Author |
Message
|
cevans |
Posted: Thu Jul 18, 2013 7:13 am Post subject: CSV file input, JSON msg output, charset encoding problem |
|
|
Apprentice
Joined: 18 Jul 2013 Posts: 26
|
Apologies if I am asking a dumb question but I have found the IBM documentation or web search to have no clear explanation or example that provides clarity to the problem I am experiencing. Broker is quite new to me so I am only familiar with how it works for what I have experienced in training and the projects I have worked on. Anyway …

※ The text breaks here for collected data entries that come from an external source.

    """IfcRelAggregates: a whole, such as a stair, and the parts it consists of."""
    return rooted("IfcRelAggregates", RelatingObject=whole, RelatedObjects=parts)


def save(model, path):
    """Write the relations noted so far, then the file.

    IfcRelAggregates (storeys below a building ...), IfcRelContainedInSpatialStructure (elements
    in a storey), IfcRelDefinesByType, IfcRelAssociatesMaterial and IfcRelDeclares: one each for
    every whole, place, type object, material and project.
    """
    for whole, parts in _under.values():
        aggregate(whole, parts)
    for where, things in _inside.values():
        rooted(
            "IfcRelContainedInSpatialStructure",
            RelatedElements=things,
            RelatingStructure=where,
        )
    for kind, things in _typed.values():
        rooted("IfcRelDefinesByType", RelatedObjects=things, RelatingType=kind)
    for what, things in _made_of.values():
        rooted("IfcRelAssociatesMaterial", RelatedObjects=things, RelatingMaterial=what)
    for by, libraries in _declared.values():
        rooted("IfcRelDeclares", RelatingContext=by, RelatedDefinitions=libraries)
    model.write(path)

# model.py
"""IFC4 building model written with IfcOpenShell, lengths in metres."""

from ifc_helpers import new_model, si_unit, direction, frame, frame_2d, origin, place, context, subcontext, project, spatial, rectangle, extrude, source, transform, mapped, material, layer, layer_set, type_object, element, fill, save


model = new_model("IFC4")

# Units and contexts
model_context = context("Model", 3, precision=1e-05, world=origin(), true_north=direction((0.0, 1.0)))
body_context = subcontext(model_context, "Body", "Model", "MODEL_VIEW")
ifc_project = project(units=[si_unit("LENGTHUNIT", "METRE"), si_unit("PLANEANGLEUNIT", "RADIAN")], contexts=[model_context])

I take a csv file as input. The file is win-1252, encoded and can contain extended characters such as £.
I successfully parse the input using a xsd and can view the message tree in debug with £ characters correctly displayed.
I copy the message to environment so that I can use it later.

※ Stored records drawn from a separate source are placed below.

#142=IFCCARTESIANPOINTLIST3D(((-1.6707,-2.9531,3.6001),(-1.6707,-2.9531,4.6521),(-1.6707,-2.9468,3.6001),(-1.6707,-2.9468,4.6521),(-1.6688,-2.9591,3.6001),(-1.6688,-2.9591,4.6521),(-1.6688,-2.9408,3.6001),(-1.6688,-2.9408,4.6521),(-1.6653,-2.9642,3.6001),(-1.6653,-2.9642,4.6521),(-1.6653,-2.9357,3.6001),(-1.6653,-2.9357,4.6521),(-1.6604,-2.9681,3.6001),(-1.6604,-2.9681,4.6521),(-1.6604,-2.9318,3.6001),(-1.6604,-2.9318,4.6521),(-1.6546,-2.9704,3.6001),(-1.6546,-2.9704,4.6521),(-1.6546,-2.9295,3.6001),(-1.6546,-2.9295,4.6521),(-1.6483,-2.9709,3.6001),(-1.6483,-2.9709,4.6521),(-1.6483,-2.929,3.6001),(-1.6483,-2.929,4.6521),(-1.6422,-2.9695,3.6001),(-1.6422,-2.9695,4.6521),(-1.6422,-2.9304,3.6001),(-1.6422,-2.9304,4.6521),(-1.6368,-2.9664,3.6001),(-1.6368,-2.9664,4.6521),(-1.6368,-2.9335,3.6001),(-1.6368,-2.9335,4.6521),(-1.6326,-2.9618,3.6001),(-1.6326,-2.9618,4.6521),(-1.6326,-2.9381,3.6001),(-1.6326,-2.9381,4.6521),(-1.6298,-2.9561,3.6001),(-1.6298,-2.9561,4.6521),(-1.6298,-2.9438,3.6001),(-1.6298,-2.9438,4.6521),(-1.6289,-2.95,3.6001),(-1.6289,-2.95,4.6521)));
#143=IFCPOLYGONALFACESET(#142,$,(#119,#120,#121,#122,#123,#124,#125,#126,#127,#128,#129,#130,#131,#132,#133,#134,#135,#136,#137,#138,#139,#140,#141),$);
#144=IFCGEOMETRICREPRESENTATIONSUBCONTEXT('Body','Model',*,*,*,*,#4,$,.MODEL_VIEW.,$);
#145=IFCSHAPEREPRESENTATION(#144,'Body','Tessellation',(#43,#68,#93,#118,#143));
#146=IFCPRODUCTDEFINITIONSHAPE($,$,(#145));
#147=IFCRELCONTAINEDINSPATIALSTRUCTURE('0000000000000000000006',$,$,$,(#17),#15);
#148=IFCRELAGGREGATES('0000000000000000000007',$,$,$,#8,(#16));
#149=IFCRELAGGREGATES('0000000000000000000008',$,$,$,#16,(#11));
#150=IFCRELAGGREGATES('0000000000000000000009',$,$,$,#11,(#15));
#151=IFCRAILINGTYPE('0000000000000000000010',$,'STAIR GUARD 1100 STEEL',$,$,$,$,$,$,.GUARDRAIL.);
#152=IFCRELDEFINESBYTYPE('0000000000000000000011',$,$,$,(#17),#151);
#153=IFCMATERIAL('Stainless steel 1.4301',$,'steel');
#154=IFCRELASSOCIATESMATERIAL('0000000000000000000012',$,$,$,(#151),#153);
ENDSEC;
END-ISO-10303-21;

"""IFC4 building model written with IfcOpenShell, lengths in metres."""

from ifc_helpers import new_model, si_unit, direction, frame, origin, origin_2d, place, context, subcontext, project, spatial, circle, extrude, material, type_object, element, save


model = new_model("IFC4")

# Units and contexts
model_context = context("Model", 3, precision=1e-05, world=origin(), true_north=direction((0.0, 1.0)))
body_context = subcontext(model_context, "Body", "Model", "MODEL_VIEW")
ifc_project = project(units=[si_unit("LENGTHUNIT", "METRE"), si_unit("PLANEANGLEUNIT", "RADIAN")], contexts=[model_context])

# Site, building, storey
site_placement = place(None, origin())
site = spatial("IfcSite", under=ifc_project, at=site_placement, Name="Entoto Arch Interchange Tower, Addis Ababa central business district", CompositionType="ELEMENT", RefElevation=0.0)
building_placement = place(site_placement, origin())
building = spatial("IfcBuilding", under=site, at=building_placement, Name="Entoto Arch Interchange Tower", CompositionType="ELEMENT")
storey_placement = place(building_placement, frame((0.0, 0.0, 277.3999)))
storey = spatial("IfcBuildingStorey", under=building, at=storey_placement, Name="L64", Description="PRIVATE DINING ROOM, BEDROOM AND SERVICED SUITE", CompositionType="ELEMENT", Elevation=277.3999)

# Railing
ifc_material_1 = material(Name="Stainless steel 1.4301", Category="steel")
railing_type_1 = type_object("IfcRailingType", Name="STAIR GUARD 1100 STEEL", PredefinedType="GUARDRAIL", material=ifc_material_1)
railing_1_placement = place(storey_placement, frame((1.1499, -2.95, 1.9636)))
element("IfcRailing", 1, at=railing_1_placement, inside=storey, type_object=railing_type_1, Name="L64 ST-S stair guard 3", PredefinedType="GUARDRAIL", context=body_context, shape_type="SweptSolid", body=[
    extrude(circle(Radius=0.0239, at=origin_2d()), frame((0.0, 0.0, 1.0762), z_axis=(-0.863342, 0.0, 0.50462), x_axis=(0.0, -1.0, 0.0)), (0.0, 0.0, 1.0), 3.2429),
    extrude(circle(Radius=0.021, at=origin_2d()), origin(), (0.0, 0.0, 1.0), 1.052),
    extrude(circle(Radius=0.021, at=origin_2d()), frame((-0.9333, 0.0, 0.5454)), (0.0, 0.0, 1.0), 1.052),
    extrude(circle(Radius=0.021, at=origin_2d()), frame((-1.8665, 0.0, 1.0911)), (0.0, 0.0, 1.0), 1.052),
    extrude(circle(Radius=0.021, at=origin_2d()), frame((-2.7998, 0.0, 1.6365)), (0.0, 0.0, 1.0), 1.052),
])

I then read an MQ Queue to retrieve a JSON, utf-8, message which must be updated with data from the csv file.
When I update the file by replacing part of the input message tree with the saved csv tree (including £) the new output message looks fine in debug.

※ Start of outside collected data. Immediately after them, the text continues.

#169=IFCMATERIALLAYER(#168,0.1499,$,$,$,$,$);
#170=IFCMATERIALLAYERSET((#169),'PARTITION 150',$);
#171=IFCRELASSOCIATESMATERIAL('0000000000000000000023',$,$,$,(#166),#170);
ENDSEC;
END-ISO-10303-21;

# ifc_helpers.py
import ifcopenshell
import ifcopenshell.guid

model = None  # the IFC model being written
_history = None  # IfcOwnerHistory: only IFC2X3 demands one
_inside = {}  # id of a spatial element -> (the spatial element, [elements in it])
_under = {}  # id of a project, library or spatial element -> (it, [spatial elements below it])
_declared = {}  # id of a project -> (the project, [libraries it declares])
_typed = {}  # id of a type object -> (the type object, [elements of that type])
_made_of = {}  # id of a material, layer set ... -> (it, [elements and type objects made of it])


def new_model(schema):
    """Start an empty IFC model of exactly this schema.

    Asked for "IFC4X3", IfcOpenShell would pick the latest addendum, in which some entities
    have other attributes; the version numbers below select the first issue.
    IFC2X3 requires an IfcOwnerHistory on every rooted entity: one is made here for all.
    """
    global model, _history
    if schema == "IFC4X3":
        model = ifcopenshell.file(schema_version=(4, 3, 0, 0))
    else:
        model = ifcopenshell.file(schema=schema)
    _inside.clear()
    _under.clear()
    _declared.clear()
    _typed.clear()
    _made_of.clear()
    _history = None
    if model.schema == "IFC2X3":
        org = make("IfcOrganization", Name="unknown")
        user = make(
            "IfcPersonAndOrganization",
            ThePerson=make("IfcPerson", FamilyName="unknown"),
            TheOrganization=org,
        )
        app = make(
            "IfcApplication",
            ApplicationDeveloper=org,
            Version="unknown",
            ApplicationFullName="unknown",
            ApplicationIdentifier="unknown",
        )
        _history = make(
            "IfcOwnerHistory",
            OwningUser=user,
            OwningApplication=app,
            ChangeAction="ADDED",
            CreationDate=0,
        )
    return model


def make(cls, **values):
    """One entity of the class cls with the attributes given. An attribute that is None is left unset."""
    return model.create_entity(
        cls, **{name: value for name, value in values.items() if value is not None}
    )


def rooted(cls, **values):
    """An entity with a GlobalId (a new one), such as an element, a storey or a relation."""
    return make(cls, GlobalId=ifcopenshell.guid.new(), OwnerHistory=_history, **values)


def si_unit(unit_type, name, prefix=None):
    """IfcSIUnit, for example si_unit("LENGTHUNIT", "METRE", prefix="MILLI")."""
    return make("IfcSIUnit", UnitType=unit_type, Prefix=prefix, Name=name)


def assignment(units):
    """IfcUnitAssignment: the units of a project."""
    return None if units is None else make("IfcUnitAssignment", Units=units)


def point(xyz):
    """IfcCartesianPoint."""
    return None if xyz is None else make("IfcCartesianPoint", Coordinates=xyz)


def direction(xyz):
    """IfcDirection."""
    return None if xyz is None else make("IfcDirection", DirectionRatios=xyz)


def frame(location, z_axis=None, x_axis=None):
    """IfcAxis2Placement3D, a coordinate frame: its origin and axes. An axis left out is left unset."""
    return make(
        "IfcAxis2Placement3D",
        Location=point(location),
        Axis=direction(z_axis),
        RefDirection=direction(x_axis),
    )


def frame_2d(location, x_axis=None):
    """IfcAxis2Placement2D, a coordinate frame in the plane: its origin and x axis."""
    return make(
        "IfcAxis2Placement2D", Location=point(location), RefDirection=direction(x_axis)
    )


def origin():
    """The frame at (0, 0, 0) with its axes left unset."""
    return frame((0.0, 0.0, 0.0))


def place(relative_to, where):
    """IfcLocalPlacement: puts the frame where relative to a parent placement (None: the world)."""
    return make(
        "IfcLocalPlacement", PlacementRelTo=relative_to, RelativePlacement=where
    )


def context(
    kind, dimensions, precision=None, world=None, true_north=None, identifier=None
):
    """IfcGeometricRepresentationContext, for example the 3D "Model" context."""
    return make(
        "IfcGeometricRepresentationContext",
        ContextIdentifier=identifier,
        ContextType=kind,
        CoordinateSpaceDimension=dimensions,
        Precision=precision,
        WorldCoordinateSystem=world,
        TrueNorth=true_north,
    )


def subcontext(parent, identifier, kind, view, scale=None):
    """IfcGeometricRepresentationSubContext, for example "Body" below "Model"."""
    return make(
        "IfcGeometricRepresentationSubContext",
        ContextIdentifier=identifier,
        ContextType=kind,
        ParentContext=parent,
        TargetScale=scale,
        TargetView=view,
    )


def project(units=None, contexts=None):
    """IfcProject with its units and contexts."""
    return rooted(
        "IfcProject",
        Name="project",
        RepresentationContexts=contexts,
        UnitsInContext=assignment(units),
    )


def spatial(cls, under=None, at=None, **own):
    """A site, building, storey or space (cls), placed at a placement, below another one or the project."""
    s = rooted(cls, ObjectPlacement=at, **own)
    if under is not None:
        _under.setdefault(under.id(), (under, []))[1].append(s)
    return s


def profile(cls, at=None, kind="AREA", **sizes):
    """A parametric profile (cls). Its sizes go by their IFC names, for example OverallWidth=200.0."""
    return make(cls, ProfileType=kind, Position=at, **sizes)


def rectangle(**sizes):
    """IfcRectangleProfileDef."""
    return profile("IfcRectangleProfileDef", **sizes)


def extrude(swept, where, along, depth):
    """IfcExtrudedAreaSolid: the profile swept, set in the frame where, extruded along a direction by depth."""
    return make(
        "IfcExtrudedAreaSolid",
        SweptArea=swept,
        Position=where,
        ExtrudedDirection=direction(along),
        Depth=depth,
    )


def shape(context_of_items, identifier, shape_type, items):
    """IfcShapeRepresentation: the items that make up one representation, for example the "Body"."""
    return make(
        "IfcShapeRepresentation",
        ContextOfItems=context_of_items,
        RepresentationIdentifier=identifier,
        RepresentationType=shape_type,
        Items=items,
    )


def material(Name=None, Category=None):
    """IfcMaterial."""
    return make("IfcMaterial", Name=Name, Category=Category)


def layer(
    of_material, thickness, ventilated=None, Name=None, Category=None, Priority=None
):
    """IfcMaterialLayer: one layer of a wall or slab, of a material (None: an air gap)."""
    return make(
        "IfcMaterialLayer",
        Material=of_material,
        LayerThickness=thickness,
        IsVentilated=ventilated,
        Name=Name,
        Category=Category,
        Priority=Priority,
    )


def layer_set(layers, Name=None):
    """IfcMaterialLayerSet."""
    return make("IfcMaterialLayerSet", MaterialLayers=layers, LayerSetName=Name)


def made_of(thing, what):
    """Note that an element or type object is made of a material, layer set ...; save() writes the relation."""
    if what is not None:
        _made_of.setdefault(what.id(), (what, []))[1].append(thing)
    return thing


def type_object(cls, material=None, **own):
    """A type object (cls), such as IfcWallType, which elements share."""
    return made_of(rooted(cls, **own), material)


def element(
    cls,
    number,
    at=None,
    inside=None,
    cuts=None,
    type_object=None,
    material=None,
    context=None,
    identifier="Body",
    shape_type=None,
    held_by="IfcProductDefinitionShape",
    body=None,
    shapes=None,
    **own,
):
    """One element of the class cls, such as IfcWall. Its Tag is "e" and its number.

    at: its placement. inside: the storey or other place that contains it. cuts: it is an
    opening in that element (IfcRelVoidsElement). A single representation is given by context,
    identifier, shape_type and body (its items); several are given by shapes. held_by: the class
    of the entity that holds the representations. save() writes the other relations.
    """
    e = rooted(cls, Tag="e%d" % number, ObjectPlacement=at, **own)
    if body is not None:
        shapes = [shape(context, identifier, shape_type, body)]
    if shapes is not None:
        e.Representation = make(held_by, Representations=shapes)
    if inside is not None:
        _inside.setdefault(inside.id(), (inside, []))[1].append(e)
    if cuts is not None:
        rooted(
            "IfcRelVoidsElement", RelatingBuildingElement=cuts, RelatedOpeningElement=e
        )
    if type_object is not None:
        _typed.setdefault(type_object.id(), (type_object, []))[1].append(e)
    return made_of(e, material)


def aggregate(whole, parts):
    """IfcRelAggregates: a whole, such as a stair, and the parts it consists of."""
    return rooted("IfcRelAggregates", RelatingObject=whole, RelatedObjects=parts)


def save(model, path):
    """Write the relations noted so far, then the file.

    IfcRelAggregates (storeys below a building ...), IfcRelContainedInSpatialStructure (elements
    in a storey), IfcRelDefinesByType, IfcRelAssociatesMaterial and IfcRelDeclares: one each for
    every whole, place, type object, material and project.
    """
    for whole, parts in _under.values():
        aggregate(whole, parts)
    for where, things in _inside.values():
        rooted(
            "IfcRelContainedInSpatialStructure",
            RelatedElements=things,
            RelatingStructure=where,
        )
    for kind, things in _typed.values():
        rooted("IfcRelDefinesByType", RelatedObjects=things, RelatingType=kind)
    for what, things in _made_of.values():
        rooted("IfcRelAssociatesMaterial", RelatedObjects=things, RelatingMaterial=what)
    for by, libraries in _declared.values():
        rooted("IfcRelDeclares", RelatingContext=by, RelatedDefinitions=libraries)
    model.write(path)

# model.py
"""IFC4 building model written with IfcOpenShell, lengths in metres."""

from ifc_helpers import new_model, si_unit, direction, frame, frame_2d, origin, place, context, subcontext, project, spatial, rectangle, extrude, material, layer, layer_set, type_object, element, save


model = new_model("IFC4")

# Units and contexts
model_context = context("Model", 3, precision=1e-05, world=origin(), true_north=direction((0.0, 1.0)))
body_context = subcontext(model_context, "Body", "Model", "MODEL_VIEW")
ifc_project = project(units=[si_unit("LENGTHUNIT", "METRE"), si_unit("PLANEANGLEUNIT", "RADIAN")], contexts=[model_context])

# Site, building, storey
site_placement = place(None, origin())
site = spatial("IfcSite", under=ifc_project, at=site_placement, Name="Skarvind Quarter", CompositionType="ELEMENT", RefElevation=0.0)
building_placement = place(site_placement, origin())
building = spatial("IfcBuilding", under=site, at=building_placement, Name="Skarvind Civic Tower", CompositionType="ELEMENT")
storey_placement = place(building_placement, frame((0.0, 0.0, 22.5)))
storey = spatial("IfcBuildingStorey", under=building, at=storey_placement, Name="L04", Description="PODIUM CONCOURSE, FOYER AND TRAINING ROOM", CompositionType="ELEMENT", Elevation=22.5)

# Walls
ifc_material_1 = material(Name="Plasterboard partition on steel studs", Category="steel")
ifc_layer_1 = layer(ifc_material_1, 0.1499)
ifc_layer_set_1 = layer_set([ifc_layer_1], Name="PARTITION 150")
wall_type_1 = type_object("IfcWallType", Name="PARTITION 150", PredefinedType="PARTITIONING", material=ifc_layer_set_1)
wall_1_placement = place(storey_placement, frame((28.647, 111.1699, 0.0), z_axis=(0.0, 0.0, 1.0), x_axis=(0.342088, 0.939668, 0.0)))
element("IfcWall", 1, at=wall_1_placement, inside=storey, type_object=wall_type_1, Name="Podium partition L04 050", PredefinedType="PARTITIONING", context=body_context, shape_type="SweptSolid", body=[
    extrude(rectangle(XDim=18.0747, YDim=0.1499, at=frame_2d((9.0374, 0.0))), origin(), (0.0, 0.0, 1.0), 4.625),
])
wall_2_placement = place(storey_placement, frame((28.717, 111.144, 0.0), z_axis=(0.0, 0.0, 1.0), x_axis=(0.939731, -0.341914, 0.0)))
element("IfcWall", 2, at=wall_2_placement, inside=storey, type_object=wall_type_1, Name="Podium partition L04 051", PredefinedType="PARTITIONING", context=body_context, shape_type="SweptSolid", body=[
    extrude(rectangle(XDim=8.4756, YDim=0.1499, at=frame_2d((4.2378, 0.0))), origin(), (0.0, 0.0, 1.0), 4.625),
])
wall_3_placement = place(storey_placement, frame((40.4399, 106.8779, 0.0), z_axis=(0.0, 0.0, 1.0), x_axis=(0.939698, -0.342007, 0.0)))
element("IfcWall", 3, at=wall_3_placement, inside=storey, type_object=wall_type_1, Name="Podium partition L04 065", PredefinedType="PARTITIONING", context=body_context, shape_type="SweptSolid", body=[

The updated JSON, utf-8, message is written to an MQ Queue.
If I call the service that reads the updated JSON message from the Queue I see the £ symbol represented as £. I have researched this and believe the underlying coding for the character is still windows-1252 as this is the correct representation of that code when seen as utf-8.
So it looks like I need to convert the csv message to utf-8 before I use the content to update a utf-8 file. Sounds reasonable.
The problem is what is the best way to do this? The Help and searching has not identified a clear approach and certainly no suitable or similar example. Or maybe I am not looking in the right place?
I have tried the following with no success.
Change the CodedCharSetId Property
Create a bit stream from the parsed csv and then create an output tree from this bit stream using the CCSID for UTF (see below)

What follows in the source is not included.